Alignment and phylogenetic analysis of concatenated nucleotide or amino acid sequence data

The amino acid sequences were conceptually translated from the mt genomes of the three individuals of H. macropi and the specimen of Ma. ocydromi, and then concatenated separately. The amino acid sequences derived from published mt genomes from nematodes [Strongylida: Chabertia ovina [GenBank: NC_013831], Oesophagostomum dentatum [GenBank: NC_013817] and Strongylus vulgaris [GenBank: NC_013818] [see [21]] were also used for comparative purposes. These amino acid sequences (considering all homologous characters) were aligned using MUSCLE [48]. The amino acid sequences of H. macropi and Ma. ocydromi were then aligned using BioEdit [49] and subjected to phylogenetic analysis using Bayesian inference (BI), employing the Markov chain Monte Carlo (MCMC) method in MrBayes 3.1.2 [50, 51]. The likelihood parameters for BI were based on the Akaike Information Criteria (AIC) test in Prottest v2.4 [52]. The “best” model for the amino acid sequences was a fixed-rate Poisson model [53]. Estimates of the base frequencies, the substitution rate model matrix and the proportion of invariable sites were fixed.

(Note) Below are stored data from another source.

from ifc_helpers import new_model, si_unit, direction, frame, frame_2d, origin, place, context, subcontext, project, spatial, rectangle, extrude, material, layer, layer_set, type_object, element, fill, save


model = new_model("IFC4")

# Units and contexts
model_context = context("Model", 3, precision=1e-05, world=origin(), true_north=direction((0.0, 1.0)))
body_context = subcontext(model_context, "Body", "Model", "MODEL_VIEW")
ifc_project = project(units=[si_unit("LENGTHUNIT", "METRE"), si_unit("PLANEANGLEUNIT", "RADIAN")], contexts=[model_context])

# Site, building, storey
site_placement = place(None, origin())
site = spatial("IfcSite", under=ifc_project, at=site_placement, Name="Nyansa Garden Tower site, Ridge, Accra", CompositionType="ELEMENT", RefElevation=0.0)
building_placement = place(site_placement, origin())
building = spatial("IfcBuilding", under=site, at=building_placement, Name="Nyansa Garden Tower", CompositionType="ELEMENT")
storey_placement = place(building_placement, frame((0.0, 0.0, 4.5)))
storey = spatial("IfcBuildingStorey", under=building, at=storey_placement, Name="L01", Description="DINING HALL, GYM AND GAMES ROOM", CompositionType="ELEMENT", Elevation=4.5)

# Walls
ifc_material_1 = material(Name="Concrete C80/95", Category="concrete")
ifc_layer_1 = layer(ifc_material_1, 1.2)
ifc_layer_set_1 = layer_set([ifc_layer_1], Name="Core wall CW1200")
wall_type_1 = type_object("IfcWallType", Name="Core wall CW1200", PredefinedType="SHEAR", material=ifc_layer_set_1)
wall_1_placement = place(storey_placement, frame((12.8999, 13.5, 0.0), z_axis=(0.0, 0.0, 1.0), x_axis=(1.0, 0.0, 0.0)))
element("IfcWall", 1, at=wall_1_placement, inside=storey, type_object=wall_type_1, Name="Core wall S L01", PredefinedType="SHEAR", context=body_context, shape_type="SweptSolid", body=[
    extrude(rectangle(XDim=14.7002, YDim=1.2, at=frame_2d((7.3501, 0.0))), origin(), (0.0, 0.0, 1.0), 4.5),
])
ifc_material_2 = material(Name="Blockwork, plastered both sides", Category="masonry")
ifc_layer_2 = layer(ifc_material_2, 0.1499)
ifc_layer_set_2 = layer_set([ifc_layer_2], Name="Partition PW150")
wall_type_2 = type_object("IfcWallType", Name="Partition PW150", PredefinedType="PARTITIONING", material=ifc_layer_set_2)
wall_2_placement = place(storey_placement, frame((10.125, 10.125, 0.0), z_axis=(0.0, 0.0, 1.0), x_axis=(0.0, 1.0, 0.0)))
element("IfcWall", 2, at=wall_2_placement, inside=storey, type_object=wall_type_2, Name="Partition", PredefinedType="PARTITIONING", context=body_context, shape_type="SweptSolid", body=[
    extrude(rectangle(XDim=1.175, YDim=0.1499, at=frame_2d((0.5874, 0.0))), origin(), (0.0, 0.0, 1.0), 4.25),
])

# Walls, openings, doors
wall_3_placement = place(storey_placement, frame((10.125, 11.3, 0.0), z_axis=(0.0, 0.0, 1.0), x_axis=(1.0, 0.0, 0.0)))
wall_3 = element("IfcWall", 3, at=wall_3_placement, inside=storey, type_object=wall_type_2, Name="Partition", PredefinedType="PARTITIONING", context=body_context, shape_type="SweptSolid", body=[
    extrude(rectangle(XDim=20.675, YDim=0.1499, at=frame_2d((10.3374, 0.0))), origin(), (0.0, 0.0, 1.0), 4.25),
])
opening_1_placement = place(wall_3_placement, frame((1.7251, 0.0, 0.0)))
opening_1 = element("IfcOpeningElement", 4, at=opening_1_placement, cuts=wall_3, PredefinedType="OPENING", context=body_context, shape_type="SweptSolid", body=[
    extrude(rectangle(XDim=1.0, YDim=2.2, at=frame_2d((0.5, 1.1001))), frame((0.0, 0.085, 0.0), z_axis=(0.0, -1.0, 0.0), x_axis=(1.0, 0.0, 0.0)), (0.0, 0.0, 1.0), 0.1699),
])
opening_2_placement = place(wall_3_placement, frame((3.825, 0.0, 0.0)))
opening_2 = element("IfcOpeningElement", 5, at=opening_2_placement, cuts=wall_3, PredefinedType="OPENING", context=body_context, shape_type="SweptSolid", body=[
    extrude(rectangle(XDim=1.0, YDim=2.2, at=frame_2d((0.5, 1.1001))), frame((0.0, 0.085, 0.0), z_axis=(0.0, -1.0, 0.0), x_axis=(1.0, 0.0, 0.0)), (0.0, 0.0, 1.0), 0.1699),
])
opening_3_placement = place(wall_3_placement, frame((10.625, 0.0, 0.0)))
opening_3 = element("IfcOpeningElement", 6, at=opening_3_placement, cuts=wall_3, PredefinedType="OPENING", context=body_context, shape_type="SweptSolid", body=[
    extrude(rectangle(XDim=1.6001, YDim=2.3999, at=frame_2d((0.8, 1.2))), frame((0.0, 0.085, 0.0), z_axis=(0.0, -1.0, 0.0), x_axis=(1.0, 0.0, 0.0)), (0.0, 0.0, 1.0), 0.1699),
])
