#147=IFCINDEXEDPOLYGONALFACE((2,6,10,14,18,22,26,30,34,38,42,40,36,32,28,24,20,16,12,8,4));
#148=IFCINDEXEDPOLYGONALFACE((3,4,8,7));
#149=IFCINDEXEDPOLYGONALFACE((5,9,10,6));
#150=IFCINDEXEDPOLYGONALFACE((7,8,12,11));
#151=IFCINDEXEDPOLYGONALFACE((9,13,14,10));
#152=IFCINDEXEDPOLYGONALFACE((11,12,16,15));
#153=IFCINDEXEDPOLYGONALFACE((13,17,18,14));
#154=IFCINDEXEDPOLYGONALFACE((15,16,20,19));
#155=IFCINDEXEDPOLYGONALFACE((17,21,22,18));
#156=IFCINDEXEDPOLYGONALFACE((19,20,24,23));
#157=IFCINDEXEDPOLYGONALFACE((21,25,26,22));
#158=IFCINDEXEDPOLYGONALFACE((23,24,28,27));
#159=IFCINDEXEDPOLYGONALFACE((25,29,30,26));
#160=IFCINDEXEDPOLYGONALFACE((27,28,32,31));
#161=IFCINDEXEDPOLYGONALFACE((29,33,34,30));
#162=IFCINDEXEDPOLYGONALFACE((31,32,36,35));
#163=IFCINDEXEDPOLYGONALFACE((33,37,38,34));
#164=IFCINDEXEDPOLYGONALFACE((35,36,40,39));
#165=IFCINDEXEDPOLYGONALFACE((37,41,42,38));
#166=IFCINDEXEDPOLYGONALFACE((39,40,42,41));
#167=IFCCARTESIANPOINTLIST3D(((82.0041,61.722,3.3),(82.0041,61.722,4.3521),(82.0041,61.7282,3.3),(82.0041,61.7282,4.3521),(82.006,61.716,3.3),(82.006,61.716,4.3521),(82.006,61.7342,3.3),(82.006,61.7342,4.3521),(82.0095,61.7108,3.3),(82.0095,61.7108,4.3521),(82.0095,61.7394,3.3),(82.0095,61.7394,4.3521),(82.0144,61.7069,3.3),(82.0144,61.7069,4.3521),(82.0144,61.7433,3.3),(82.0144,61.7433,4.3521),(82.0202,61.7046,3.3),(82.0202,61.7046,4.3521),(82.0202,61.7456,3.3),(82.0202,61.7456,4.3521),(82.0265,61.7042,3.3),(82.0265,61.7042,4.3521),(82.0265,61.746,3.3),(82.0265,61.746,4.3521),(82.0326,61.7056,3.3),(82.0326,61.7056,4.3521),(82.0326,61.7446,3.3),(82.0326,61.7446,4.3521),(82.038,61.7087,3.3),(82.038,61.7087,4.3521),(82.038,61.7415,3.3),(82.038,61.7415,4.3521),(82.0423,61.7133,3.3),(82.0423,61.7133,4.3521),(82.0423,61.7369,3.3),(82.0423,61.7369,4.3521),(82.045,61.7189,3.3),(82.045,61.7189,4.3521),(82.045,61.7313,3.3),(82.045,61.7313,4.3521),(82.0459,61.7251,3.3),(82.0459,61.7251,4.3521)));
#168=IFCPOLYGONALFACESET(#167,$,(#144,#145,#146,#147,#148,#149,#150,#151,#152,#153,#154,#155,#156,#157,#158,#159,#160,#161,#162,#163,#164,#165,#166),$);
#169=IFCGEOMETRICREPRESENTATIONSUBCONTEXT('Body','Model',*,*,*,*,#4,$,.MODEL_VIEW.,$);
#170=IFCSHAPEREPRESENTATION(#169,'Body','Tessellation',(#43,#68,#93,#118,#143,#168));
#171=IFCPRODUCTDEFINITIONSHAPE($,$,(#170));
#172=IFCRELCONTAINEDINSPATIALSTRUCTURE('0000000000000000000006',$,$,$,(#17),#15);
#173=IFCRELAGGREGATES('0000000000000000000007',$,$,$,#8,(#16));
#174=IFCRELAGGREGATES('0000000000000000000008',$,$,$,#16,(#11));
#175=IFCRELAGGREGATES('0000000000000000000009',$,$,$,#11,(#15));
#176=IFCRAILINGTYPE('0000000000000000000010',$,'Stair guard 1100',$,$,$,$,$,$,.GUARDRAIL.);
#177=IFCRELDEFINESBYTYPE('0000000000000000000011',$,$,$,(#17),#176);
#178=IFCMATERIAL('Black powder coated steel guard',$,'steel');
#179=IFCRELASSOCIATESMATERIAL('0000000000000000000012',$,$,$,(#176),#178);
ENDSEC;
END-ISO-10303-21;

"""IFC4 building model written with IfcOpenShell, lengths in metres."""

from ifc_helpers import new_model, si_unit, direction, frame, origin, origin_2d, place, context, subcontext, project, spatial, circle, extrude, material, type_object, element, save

Posterior probabilities (pp) were calculated using 2,000,000 generations, employing four simultaneous tree-building chains, with every 100th tree being saved.

Sliding window analysis

This analysis was performed on the aligned, complete mt genome sequences of the three OTUs of H. macropi using DnaSP v.5 [54]. The alignment of these sequences was achieved using MUSCLE v.3.8 [47], as implemented in SeaView v.4 [55]. Keeping the nucleotides in frame, there were no ambiguously aligned regions. A sliding window of 300 bp (steps of 10 bp) was used to estimate nucleotide diversity (π) between the three OTUs of H. macropi; indels were excluded using DnaSP. Nucleotide diversity for the entire alignments was plotted against midpoint positions of each window, and gene boundaries were defined.